To download the data, cd to the root of the repository run this command.

fedpydeseq2-download-data --raw_data_output_path data/raw

This way, you create a data/raw subdirectory in the directory containing all the necessary data. If you want to modify the location of this raw data, you can in the following way. Run this command instead:

fedpydeseq2-download-data --raw_data_output_path MY_RAW_PATH

And create a file in the tests directory named paths.json containing

  • A raw_data field with the path to the raw data MY_RAW_PATH
  • An optional assets_tcga field with the path to the directory containing the opener.py file and its description (by default present in the fedpydeseq2_datasets module, so no need to specify this unless you need to modify the opener);
  • An optional processed_data field with the path to the directory where you want to save processed data. Note that this is used only if you want to run tests locally without reprocessing the data during each test session (test marked with the local marker).
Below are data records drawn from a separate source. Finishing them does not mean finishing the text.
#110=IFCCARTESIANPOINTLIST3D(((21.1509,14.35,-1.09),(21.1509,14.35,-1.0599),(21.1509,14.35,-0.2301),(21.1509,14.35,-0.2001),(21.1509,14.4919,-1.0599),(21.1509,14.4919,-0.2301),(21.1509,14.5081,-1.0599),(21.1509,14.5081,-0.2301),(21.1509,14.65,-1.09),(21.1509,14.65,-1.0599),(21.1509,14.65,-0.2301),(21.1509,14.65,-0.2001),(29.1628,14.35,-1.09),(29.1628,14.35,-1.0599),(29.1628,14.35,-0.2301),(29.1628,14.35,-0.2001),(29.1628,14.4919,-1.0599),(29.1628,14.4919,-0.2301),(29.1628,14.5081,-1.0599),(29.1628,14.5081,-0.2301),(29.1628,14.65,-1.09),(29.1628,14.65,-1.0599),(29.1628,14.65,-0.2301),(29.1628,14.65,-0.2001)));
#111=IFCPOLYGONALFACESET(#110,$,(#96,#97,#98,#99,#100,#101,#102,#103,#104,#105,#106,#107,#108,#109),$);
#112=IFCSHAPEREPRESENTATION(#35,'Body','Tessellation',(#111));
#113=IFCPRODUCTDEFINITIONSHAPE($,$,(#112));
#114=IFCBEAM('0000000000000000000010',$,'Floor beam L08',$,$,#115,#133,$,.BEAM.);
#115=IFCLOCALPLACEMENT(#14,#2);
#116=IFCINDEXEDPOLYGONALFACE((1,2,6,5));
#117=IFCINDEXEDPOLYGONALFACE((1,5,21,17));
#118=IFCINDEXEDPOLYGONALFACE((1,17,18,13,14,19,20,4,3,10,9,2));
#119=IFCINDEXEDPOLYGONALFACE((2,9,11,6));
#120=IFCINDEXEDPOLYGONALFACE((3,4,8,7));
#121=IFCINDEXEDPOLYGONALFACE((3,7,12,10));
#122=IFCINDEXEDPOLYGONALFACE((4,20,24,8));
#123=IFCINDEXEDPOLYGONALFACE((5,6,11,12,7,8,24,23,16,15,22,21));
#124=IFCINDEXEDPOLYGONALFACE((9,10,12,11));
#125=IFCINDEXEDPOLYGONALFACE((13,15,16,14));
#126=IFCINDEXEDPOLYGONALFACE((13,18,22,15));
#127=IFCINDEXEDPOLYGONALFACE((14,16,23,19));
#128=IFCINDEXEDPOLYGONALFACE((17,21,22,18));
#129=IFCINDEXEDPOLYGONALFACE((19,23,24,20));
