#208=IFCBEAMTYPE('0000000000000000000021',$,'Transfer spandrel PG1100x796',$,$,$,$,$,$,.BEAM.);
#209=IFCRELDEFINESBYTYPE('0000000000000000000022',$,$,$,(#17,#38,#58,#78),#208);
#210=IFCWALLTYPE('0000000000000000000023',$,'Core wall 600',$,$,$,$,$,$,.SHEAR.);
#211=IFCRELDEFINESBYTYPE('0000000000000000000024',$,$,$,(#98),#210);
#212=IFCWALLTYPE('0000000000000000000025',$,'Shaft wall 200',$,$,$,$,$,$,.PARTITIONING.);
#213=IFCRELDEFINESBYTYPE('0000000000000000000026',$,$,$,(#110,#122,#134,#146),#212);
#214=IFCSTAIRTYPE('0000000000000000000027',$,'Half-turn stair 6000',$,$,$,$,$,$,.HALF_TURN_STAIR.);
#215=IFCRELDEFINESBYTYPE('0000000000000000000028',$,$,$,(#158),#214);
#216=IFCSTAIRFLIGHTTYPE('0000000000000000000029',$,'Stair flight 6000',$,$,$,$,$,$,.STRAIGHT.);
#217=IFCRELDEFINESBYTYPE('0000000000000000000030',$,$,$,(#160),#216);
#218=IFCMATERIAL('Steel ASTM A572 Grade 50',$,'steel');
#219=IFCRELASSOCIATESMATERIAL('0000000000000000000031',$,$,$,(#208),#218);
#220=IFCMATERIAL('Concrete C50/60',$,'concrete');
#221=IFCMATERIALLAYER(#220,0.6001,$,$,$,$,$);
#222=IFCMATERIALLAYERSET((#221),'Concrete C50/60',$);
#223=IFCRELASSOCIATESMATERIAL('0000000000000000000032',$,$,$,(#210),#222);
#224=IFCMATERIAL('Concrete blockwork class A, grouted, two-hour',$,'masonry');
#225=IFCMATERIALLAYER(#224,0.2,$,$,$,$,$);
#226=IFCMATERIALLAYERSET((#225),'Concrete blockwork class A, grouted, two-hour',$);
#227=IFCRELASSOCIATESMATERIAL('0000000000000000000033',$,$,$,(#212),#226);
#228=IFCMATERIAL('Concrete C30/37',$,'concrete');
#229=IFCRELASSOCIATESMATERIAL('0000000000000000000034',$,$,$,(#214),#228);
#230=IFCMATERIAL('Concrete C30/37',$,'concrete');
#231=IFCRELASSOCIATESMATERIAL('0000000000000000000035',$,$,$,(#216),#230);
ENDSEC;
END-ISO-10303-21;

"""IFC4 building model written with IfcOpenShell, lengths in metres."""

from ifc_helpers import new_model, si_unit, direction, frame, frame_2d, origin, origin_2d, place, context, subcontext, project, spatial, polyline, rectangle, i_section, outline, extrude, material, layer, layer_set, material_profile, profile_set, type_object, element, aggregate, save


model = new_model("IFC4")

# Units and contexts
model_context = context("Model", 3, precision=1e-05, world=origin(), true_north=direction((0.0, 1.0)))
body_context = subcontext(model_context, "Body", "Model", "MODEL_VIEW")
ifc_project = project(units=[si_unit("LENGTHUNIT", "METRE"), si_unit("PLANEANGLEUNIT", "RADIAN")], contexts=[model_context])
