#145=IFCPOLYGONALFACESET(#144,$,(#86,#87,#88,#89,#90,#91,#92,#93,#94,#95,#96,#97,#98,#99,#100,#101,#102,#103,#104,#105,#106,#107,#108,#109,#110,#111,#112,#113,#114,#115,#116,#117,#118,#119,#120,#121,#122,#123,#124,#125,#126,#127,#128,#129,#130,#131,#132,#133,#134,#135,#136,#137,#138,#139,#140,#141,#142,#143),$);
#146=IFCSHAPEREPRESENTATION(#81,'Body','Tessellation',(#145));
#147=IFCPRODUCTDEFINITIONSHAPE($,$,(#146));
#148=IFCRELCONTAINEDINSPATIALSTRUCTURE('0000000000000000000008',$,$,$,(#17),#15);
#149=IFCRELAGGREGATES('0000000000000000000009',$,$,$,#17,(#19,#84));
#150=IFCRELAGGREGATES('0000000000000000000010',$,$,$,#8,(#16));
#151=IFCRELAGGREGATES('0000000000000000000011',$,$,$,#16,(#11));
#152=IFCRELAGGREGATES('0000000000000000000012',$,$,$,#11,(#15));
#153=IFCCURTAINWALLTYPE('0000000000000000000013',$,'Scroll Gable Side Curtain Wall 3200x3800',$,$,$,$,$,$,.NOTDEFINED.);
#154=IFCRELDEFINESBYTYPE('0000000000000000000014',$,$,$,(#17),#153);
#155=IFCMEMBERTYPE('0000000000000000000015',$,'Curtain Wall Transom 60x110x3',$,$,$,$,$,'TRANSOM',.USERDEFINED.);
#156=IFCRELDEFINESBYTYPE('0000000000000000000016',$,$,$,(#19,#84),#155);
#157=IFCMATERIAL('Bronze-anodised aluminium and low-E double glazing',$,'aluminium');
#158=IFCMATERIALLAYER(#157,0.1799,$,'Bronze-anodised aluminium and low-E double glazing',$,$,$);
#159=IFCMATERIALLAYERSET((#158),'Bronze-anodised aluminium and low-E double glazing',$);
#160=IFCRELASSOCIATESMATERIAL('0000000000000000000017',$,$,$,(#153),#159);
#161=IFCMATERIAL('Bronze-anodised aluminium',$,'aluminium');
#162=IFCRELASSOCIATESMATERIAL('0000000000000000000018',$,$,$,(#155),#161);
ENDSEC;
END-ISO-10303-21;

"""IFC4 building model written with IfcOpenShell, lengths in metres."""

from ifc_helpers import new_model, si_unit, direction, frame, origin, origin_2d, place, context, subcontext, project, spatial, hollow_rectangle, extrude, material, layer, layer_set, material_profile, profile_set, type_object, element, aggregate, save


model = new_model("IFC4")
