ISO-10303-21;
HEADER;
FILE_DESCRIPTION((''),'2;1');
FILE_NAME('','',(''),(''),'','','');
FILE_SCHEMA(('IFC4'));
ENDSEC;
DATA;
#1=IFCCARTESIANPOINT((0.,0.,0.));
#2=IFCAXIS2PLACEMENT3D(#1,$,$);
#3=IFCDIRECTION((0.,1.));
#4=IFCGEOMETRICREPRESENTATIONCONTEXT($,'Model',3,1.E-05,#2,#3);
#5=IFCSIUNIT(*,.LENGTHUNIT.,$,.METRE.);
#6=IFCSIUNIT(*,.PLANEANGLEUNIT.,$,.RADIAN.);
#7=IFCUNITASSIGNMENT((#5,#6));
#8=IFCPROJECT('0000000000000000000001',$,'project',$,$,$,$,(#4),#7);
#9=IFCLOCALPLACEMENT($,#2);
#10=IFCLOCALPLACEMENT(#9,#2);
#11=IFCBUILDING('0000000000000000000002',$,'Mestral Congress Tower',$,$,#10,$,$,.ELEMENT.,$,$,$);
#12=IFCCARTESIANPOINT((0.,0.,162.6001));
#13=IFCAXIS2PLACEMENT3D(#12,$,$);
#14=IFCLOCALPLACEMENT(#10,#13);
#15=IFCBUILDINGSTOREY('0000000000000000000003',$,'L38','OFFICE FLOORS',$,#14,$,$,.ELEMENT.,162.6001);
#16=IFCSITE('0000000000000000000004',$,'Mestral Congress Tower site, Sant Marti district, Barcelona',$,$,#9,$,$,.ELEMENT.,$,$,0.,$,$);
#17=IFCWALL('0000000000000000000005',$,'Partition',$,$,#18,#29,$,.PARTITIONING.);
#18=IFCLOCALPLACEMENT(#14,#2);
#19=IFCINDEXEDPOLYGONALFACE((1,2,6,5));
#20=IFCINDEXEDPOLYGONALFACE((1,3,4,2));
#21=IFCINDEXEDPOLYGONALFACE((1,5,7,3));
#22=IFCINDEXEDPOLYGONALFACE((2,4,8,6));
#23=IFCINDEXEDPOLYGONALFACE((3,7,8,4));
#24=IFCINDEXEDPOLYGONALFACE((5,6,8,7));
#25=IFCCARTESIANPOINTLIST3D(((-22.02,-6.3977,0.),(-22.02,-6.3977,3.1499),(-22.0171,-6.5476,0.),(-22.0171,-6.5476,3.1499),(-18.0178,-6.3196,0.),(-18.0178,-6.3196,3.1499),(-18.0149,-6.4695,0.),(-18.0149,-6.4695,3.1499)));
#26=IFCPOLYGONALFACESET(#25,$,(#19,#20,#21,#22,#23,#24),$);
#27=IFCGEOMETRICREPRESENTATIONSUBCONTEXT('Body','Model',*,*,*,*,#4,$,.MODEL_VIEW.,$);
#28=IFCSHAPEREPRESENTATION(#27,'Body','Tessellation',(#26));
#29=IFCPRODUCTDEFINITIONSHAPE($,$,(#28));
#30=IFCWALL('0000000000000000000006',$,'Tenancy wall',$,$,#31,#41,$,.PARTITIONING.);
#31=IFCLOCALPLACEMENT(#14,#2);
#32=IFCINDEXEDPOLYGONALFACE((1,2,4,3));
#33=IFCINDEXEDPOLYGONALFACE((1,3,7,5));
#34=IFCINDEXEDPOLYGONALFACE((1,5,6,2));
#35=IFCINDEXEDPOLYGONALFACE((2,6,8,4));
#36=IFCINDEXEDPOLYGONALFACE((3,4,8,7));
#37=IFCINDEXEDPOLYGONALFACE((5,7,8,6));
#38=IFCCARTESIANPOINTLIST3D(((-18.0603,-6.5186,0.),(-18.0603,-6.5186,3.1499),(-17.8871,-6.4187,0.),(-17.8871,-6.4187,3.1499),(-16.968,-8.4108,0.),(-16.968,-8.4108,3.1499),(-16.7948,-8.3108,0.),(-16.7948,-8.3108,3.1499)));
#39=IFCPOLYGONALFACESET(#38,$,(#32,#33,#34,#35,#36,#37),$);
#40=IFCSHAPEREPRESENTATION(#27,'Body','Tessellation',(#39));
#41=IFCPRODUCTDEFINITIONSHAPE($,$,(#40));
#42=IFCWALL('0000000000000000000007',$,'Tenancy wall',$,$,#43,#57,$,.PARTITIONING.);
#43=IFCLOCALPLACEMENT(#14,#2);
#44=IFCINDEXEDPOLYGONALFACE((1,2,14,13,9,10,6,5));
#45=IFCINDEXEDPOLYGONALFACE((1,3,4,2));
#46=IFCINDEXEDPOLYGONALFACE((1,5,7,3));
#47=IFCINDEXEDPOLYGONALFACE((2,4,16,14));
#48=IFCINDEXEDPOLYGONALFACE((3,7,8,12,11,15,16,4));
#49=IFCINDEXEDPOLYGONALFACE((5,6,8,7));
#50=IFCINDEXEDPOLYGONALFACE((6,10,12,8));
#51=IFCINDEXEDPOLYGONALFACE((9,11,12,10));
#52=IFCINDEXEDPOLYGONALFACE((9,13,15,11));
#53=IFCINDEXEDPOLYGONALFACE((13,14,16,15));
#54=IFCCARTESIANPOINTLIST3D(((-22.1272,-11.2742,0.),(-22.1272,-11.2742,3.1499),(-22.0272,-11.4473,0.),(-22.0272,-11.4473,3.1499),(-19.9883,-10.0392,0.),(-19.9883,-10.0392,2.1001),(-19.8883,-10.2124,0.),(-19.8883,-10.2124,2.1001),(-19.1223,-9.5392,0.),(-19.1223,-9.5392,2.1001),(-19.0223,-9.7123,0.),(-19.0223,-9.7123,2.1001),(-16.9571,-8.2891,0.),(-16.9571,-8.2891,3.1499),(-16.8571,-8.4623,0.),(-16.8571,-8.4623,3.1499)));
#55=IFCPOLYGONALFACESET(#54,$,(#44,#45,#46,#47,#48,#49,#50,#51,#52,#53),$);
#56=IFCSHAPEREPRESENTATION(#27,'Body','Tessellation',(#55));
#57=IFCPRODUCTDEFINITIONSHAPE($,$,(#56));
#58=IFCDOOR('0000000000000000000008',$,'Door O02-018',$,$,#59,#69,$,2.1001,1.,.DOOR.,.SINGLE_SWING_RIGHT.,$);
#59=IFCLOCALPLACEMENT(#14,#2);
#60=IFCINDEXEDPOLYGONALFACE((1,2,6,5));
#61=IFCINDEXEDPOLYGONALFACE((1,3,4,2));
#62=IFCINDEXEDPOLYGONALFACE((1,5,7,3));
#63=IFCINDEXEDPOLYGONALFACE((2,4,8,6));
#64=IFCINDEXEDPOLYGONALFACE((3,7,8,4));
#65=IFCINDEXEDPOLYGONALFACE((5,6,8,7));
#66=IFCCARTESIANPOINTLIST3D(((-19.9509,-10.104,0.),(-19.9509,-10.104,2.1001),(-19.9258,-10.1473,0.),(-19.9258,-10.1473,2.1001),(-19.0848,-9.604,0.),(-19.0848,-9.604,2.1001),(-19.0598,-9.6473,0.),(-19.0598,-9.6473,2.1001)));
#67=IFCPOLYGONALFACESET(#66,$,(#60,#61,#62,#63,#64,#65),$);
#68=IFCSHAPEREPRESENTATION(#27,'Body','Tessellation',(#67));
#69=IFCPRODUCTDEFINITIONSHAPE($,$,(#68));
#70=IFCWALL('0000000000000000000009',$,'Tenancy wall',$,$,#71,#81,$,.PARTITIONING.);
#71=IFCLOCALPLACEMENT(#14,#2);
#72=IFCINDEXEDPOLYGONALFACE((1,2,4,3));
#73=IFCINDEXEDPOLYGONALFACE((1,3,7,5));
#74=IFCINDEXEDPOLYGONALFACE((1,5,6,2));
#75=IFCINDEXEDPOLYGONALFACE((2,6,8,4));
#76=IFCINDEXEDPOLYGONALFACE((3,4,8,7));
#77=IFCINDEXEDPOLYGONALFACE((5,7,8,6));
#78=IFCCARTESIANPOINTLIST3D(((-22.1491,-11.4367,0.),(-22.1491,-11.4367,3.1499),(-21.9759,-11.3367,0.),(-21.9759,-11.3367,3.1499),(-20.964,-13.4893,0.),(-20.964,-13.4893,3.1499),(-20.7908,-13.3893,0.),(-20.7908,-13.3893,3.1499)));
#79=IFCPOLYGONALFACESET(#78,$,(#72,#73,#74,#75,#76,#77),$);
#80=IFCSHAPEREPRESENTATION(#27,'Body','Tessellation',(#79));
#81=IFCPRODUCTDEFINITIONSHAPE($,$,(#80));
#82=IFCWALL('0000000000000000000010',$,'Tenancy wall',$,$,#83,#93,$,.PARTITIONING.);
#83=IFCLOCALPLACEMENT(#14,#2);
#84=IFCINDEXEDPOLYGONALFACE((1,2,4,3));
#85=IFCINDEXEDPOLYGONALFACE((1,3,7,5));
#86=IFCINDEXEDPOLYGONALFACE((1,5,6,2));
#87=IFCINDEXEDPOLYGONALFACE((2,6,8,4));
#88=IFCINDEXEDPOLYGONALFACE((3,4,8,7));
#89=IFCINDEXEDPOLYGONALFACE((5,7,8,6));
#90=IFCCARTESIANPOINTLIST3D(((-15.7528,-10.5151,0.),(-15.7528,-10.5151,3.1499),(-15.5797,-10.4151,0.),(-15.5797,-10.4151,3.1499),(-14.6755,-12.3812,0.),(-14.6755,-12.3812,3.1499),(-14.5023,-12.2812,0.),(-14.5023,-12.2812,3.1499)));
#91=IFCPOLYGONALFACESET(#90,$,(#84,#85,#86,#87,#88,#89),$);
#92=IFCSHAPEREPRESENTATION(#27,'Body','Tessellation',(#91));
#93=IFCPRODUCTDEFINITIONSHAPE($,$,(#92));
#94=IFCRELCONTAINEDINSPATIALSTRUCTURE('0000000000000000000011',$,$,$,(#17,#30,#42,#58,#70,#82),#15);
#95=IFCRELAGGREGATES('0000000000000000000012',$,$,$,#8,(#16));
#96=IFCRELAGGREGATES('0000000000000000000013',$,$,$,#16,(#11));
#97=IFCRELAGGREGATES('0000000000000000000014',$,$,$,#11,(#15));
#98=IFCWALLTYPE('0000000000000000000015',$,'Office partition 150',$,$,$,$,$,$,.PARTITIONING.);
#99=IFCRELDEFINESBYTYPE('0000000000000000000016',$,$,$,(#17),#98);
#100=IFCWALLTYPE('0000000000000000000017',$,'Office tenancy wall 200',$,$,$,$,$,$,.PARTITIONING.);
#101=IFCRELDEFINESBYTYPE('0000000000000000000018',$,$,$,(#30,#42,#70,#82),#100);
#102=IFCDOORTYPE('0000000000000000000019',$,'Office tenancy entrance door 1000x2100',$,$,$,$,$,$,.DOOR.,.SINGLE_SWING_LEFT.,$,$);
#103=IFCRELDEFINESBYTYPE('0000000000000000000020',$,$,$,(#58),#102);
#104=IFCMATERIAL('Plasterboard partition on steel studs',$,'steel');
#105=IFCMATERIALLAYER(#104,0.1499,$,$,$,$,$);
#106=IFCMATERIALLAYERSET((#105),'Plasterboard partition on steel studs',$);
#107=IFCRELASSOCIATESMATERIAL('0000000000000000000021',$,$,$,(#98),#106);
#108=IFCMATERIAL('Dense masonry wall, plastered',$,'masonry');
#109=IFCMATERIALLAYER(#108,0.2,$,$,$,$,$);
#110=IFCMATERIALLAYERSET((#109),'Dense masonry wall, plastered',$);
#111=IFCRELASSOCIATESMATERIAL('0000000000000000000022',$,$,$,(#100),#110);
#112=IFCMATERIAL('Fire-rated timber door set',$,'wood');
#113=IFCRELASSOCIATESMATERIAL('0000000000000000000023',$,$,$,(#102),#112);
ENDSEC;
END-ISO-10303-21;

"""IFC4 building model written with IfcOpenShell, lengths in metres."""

from ifc_helpers import new_model, si_unit, direction, frame, frame_2d, origin, place, context, subcontext, project, spatial, rectangle, extrude, material, layer, layer_set, type_object, element, fill, save


model = new_model("IFC4")

# Units and contexts
model_context = context("Model", 3, precision=1e-05, world=origin(), true_north=direction((0.0, 1.0)))
body_context = subcontext(model_context, "Body", "Model", "MODEL_VIEW")
ifc_project = project(units=[si_unit("LENGTHUNIT", "METRE"), si_unit("PLANEANGLEUNIT", "RADIAN")], contexts=[model_context])

# Site, building, storey
site_placement = place(None, origin())
site = spatial("IfcSite", under=ifc_project, at=site_placement, Name="Mestral Congress Tower site, Sant Marti district, Barcelona", CompositionType="ELEMENT", RefElevation=0.0)
building_placement = place(site_placement, origin())
building = spatial("IfcBuilding", under=site, at=building_placement, Name="Mestral Congress Tower", CompositionType="ELEMENT")
storey_placement = place(building_placement, frame((0.0, 0.0, 162.6001)))
storey = spatial("IfcBuildingStorey", under=building, at=storey_placement, Name="L38", Description="OFFICE FLOORS", CompositionType="ELEMENT", Elevation=162.6001)

# Shared definitions
ifc_material_1 = material(Name="Plasterboard partition on steel studs", Category="steel")
ifc_layer_1 = layer(ifc_material_1, 0.1499)
ifc_layer_set_1 = layer_set([ifc_layer_1], Name="Plasterboard partition on steel studs")
wall_type_1 = type_object("IfcWallType", Name="Office partition 150", PredefinedType="PARTITIONING", material=ifc_layer_set_1)

# Walls
wall_1_placement = place(storey_placement, frame((-18.0164, -6.3945, 0.0), z_axis=(0.0, 0.0, 1.0), x_axis=(-0.99981, -0.019517, 0.0)))
element("IfcWall", 1, at=wall_1_placement, inside=storey, type_object=wall_type_1, Name="Partition", PredefinedType="PARTITIONING", context=body_context, shape_type="SweptSolid", body=[
    extrude(rectangle(XDim=4.0029, YDim=0.1499, at=frame_2d((2.0015, 0.0))), origin(), (0.0, 0.0, 1.0), 3.1499),
])
ifc_material_2 = material(Name="Dense masonry wall, plastered", Category="masonry")
ifc_layer_2 = layer(ifc_material_2, 0.2)
ifc_layer_set_2 = layer_set([ifc_layer_2], Name="Dense masonry wall, plastered")
wall_type_2 = type_object("IfcWallType", Name="Office tenancy wall 200", PredefinedType="PARTITIONING", material=ifc_layer_set_2)
wall_2_placement = place(storey_placement, frame((-17.9736, -6.4688, 0.0), z_axis=(0.0, 0.0, 1.0), x_axis=(0.499961, -0.866048, 0.0)))
element("IfcWall", 2, at=wall_2_placement, inside=storey, type_object=wall_type_2, Name="Tenancy wall", PredefinedType="PARTITIONING", context=body_context, shape_type="SweptSolid", body=[
    extrude(rectangle(XDim=2.1848, YDim=0.2, at=frame_2d((1.0923, 0.0))), origin(), (0.0, 0.0, 1.0), 3.1499),
])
5 - Install pre-commit hooks

Still in the root of the repository, run

pre-commit install

You are now ready to contribute.

CI on a self-hosted runner

Tests are run using a self-hosted runner. To add a self-hosted runner, instantiate the machine you want to use as a runner, go to the repository settings, then to the Actions tab, and click on Add runner. Follow the instructions to install the runner on the machine you want to use as a self-hosted runner.

Make sure to label the self-hosted runner with the label "fedpydeseq2-self-hosted" so that the CI workflow can find it.

Docker CI

The docker mode is only tested manually. To test it, first run poetry build in order to create a wheel in the dist folder. Then launch in a tmux the following:

pytest -m "docker" -s

The -s option enables to print all the logs/outputs continuously. Otherwise, these outputs appear only once the test is done. As the test takes time, it's better to print them continuously.

Running on a real Substra environment

running the CP

To run a compute plan on an environment with the substra front-end, you need first to generate token in each of the substra nodes. Then you need to duplicate credentials-template.yaml into a new file credentials.yaml and fill in the tokens. You should not need to rebuild the wheel manually by running poetry build as the script will try to do it for you, but watch out for related error message when executing the file.